Der Druckunterschied wenn sich das Wasser erwärmt ist vernachlässigbar klein (das sind nur wenige Millibar), es sei denn du füllst den AGB bis kaum noch/keine Luft mehr drin ist (je weniger Luft im AGB sich komprimieren lässt desto größer wird der Druckanstieg sein da der Volumenanstieg des ausdehnenden Wassers gleich ist, wenn keine Luft da ist platzt/reißt der AGB sofort).
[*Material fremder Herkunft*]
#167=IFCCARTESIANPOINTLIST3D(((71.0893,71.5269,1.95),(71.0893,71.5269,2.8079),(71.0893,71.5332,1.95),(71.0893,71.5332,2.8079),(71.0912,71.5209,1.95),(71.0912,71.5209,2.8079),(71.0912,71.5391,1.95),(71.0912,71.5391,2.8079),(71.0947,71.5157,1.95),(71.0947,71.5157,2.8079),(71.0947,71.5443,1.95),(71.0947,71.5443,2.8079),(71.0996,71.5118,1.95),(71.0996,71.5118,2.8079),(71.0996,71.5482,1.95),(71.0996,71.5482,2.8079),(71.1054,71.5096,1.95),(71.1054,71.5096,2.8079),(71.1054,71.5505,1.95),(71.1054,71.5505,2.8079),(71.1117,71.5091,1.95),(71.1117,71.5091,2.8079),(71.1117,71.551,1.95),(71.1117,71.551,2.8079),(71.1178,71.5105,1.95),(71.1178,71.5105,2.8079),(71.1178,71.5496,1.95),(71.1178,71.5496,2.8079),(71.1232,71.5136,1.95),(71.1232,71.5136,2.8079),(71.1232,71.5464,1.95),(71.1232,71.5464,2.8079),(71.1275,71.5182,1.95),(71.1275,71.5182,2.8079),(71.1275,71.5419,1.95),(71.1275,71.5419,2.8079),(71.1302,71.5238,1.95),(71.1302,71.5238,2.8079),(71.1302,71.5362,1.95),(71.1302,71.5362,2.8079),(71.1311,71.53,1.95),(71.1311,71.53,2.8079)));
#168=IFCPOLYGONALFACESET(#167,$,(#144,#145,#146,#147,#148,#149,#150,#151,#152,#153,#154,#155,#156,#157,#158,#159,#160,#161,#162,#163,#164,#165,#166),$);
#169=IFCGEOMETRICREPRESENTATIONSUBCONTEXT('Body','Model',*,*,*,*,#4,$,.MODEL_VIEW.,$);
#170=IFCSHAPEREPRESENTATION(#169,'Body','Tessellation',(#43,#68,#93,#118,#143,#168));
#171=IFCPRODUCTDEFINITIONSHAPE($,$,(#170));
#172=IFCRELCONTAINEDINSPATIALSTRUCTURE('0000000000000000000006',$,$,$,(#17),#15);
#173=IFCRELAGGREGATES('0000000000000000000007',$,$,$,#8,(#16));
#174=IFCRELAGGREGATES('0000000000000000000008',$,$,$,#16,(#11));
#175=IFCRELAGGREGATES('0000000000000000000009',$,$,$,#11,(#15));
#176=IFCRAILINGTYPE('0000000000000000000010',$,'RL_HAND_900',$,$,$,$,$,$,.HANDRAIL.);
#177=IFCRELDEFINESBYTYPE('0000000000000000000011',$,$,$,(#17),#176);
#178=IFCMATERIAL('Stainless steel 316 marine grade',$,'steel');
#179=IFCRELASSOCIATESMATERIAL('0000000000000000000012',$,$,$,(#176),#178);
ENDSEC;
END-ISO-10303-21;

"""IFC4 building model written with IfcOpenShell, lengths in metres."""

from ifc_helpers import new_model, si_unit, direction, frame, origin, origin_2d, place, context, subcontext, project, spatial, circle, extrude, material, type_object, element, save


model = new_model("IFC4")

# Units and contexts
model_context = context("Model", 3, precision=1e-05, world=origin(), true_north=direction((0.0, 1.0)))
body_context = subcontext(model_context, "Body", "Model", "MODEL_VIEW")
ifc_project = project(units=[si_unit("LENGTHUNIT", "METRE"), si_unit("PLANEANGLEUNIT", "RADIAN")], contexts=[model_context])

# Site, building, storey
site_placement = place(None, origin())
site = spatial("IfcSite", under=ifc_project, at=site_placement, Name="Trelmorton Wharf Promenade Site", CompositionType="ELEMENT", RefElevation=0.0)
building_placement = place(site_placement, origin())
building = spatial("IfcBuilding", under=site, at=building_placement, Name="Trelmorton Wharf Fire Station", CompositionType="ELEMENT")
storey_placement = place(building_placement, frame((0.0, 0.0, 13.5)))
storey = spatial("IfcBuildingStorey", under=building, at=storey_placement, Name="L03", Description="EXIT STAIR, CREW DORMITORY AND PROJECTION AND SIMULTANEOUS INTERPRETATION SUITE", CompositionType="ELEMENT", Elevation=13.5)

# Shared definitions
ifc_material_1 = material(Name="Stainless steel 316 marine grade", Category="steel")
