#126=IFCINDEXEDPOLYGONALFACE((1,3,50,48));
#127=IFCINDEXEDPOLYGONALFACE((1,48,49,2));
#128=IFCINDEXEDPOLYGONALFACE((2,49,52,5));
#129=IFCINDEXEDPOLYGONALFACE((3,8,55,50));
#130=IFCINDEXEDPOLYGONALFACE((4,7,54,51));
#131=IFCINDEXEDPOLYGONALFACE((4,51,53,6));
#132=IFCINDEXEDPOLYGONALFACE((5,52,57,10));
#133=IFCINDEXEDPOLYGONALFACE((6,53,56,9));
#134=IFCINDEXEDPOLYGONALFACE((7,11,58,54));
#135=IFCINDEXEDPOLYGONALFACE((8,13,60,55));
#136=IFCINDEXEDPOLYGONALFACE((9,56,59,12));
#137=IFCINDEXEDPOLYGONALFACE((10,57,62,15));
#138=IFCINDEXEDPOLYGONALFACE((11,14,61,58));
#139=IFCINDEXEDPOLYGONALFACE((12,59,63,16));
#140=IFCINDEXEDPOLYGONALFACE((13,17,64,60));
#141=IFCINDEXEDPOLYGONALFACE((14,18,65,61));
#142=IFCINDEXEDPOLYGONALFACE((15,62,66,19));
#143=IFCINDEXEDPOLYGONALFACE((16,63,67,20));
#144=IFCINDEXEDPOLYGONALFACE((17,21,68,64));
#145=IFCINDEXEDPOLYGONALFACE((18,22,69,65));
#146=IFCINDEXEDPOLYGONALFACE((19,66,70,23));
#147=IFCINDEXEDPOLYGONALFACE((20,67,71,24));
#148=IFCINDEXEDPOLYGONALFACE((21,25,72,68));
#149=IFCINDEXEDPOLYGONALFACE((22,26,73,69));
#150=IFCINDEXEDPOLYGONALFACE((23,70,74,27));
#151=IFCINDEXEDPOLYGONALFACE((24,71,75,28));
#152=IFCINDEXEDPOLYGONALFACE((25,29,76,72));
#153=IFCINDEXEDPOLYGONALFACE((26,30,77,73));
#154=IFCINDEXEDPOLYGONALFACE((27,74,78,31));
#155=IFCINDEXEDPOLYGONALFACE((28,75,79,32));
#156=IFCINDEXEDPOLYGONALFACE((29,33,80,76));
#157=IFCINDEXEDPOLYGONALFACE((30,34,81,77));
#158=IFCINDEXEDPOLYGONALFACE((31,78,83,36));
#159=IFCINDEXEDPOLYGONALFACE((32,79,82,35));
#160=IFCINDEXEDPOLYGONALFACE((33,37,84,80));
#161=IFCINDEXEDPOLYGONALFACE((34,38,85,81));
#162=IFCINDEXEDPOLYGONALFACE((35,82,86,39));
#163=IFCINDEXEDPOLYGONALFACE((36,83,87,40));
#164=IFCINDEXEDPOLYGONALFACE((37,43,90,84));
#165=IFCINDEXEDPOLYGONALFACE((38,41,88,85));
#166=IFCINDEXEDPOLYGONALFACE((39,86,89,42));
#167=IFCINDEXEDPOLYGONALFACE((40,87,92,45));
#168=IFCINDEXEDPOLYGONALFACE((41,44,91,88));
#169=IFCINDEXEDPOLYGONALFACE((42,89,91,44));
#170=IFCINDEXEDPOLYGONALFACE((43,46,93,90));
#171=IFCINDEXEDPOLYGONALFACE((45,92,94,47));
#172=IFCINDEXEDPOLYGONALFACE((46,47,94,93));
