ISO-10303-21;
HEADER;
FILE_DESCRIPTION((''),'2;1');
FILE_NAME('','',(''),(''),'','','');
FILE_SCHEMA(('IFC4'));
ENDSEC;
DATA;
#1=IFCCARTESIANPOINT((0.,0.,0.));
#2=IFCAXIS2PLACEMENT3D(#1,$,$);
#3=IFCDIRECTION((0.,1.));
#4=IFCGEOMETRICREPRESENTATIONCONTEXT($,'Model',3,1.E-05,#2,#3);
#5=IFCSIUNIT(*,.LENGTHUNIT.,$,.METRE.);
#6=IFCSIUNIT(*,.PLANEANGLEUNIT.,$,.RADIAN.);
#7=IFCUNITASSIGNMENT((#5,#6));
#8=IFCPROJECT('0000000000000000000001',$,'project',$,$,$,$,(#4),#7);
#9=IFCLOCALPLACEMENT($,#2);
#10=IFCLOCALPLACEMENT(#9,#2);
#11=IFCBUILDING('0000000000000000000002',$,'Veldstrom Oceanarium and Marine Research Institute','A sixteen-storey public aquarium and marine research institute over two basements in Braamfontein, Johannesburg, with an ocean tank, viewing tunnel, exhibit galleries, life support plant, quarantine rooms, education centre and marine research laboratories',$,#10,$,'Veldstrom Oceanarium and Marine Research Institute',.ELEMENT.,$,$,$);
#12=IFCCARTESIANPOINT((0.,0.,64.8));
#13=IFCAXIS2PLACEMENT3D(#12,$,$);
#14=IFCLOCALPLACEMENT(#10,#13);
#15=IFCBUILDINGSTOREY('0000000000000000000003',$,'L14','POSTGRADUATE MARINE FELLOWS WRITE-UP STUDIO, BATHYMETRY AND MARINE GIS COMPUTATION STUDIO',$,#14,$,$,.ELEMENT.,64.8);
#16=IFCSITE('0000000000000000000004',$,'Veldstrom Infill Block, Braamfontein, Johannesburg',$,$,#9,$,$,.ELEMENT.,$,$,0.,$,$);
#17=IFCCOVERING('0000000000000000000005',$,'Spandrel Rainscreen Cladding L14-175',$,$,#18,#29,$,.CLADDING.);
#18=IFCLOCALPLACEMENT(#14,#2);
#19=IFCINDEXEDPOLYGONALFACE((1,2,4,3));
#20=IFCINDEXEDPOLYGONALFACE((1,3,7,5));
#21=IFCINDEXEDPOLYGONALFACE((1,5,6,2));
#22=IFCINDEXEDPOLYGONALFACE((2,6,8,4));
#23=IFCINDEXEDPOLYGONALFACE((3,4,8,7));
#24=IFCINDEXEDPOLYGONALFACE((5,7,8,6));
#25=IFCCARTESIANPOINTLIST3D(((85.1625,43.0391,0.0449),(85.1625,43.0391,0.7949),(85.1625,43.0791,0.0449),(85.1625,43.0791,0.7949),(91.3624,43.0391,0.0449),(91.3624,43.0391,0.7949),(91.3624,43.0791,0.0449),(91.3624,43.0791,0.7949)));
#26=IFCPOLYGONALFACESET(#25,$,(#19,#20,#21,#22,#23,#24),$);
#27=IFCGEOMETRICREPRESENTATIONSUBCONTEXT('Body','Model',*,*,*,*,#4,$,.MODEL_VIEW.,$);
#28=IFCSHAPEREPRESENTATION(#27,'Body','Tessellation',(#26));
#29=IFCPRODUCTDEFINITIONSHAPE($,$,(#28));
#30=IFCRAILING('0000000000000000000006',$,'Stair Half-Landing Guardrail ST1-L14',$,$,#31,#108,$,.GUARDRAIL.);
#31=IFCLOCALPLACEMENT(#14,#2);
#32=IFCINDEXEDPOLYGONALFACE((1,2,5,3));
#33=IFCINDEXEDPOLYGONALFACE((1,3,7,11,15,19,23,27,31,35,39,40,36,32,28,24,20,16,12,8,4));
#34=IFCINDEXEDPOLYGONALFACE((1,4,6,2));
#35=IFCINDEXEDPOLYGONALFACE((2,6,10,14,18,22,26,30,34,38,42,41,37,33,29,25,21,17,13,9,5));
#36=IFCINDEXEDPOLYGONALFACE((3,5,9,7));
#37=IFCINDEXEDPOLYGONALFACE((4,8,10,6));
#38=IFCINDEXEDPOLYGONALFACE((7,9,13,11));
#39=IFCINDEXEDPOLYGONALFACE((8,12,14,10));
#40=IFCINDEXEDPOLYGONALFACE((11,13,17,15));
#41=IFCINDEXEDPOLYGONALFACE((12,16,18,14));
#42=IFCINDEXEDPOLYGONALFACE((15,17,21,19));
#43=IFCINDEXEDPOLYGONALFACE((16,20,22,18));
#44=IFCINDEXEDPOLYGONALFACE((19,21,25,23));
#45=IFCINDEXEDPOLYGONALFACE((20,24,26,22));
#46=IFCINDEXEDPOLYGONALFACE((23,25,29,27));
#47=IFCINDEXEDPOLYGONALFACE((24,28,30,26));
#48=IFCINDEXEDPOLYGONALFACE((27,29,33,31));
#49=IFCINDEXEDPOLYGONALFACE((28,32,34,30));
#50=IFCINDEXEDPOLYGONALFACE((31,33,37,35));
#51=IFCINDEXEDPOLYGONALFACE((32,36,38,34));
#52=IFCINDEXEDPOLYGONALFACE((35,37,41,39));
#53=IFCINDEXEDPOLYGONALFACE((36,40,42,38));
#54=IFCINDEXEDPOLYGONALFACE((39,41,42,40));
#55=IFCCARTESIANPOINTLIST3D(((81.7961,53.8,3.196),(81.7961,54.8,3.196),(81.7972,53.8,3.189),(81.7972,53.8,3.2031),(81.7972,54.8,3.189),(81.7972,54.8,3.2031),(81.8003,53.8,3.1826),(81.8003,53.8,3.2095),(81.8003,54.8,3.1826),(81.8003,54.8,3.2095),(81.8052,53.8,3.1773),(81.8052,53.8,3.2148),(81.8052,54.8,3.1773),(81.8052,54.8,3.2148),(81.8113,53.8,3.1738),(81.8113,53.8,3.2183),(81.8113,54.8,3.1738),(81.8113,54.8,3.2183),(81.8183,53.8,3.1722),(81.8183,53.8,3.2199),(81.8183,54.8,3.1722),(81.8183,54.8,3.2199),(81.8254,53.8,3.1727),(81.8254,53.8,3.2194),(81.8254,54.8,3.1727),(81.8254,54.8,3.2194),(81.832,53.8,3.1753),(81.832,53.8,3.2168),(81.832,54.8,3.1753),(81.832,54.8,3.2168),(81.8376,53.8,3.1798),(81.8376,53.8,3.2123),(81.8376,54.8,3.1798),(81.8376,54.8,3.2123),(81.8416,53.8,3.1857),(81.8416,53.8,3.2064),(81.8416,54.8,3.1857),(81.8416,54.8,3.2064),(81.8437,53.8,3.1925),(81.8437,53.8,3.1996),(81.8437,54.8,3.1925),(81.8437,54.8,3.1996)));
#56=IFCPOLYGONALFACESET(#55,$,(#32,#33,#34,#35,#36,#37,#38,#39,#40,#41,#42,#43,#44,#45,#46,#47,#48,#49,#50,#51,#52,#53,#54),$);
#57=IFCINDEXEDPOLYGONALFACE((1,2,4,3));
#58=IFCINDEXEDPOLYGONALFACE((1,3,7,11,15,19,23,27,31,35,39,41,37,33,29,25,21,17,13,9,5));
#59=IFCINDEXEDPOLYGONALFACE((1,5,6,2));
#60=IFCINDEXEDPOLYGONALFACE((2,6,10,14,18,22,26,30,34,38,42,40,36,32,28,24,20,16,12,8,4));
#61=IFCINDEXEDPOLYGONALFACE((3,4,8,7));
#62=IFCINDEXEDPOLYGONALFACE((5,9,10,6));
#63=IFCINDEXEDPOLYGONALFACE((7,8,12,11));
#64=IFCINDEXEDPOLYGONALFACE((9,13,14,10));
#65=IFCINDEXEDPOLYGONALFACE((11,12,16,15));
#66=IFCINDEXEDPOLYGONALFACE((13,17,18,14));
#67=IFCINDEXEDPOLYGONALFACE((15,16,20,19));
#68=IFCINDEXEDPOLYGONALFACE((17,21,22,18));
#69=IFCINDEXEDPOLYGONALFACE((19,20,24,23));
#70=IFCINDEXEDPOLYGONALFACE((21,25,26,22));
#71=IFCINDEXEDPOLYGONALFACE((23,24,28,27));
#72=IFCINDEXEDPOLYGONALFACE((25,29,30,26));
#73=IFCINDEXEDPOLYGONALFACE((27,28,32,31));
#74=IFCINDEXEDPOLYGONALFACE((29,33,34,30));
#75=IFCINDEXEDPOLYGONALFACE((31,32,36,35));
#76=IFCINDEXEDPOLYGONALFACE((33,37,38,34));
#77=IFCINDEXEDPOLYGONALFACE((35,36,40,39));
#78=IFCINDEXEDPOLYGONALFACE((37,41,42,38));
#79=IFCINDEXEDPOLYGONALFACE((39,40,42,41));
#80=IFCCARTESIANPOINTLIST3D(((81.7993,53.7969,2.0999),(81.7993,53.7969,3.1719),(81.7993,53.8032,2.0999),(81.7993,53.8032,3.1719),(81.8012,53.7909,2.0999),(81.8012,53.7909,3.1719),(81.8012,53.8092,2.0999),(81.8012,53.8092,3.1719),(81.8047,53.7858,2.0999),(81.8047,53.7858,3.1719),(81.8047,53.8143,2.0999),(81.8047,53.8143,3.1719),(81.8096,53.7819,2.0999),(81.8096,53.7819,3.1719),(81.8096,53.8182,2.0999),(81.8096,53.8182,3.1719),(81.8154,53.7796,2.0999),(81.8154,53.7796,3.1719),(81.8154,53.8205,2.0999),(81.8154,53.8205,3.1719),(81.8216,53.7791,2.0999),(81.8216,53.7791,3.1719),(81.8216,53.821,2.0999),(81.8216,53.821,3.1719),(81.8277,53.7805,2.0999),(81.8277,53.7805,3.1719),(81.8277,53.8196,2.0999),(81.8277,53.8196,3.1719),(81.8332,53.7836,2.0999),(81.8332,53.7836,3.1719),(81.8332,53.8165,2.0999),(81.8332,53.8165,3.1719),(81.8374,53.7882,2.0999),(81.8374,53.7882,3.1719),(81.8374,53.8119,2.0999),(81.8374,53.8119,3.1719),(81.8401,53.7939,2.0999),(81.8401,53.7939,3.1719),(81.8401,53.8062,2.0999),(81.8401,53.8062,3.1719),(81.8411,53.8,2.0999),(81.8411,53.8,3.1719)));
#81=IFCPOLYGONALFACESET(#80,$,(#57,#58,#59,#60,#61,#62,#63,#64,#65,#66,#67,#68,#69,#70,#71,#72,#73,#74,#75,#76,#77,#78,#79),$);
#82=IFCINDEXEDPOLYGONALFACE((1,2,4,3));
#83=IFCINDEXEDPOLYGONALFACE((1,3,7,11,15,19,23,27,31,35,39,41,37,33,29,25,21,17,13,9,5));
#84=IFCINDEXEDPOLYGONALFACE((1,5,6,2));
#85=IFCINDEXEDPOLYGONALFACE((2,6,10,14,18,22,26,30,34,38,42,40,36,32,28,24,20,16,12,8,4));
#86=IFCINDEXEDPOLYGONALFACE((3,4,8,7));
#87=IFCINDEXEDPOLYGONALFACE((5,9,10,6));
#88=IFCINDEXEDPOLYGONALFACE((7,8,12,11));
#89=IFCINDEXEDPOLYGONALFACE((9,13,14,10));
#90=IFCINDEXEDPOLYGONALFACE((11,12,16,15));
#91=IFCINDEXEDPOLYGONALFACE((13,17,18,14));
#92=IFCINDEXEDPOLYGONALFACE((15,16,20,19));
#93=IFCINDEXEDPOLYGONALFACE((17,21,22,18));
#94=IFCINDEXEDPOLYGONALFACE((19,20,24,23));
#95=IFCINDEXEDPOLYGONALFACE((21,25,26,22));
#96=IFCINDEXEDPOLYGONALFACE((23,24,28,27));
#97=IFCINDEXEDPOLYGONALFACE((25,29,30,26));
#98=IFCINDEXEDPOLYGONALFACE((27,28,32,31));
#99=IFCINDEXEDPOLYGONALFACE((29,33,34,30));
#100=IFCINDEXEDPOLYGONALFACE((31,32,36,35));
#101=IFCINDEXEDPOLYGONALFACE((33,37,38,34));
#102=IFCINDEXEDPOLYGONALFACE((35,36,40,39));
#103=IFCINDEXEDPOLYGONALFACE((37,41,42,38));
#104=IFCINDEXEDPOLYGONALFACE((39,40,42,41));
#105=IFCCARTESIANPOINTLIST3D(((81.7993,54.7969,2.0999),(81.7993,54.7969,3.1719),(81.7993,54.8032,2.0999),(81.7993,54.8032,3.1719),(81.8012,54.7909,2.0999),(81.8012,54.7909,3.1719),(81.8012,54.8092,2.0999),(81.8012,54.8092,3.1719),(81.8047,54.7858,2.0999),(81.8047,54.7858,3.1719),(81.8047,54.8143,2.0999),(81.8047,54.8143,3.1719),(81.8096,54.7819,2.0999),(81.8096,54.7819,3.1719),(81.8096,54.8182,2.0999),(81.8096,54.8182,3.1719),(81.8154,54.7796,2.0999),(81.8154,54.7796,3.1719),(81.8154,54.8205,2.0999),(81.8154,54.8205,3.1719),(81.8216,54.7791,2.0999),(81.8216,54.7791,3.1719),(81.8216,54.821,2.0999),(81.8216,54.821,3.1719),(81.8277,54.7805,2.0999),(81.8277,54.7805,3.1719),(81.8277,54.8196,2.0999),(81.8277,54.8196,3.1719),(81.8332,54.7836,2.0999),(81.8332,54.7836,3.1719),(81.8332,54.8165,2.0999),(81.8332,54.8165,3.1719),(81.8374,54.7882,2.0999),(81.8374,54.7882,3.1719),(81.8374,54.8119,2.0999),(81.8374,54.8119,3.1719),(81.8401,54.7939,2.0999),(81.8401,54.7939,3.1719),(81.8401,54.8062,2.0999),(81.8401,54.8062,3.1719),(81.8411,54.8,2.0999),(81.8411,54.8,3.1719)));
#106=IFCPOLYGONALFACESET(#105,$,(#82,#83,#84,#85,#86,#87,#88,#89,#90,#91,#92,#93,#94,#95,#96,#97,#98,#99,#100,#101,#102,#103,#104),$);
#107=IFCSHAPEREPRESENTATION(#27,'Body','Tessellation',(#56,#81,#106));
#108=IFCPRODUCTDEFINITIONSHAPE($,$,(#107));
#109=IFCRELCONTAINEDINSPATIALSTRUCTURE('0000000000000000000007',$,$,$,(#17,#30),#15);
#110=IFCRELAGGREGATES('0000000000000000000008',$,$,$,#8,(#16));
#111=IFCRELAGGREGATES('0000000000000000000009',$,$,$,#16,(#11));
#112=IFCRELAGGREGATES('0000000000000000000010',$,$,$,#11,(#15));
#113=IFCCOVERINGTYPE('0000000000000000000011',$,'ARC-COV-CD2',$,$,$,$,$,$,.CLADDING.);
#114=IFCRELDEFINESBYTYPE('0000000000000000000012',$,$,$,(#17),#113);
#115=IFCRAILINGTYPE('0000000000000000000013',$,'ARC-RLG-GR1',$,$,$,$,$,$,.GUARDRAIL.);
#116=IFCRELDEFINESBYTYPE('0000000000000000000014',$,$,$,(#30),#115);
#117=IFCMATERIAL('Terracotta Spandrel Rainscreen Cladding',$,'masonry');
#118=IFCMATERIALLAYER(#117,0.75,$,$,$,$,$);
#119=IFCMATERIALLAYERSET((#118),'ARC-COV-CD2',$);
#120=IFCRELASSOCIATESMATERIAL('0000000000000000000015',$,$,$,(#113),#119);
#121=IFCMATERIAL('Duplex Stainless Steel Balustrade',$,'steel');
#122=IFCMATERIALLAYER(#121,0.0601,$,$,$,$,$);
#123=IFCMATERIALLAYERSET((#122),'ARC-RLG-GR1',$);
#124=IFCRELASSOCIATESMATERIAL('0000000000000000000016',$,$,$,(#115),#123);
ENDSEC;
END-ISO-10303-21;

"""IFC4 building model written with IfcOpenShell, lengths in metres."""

from ifc_helpers import new_model, si_unit, direction, frame, origin, origin_2d, place, context, subcontext, project, spatial, rectangle, circle, extrude, material, layer, layer_set, type_object, element, save


model = new_model("IFC4")

# Units and contexts
model_context = context("Model", 3, precision=1e-05, world=origin(), true_north=direction((0.0, 1.0)))
body_context = subcontext(model_context, "Body", "Model", "MODEL_VIEW")
ifc_project = project(units=[si_unit("LENGTHUNIT", "METRE"), si_unit("PLANEANGLEUNIT", "RADIAN")], contexts=[model_context])

# Site, building, storey
site_placement = place(None, origin())
site = spatial("IfcSite", under=ifc_project, at=site_placement, Name="Veldstrom Infill Block, Braamfontein, Johannesburg", CompositionType="ELEMENT", RefElevation=0.0)
building_placement = place(site_placement, origin())
building = spatial("IfcBuilding", under=site, at=building_placement, Name="Veldstrom Oceanarium and Marine Research Institute", Description="A sixteen-storey public aquarium and marine research institute over two basements in Braamfontein, Johannesburg, with an ocean tank, viewing tunnel, exhibit galleries, life support plant, quarantine rooms, education centre and marine research laboratories", LongName="Veldstrom Oceanarium and Marine Research Institute", CompositionType="ELEMENT")
storey_placement = place(building_placement, frame((0.0, 0.0, 64.8)))
storey = spatial("IfcBuildingStorey", under=building, at=storey_placement, Name="L14", Description="POSTGRADUATE MARINE FELLOWS WRITE-UP STUDIO, BATHYMETRY AND MARINE GIS COMPUTATION STUDIO", CompositionType="ELEMENT", Elevation=64.8)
Ein Überdruckventil kann dir bei richtiger Befüllung der WaKü also nicht helfen. Dass die AGBs generell schlecht wären kann man eigentlich auch nicht sagen - wenn es wirklich so ist dass dir der AGB 2x undicht geworden ist ohne dass ein Fehler beim Bau der WaKü gemacht wurde ist das wahrscheinlich einfach großes Pech.


----------



## Flo0110 (31. August 2015)

*AW: Wasserkühlung undicht*



Incredible Alk schrieb:


> Der Druckunterschied wenn sich das Wasser erwärmt ist vernachlässigbar klein (das sind nur wenige Millibar), es sei denn du füllst den AGB bis kaum noch/keine Luft mehr drin ist (je weniger Luft im AGB sich komprimieren lässt desto größer wird der Druckanstieg sein da der Volumenanstieg des ausdehnenden Wassers gleich ist, wenn keine Luft da ist platzt/reißt der AGB sofort).
> 
> Ein Überdruckventil kann dir bei richtiger Befüllung der WaKü also nicht helfen. Dass die AGBs generell schlecht wären kann man eigentlich auch nicht sagen - wenn es wirklich so ist dass dir der AGB 2x undicht geworden ist ohne dass ein Fehler beim Bau der WaKü gemacht wurde ist das wahrscheinlich einfach großes Pech.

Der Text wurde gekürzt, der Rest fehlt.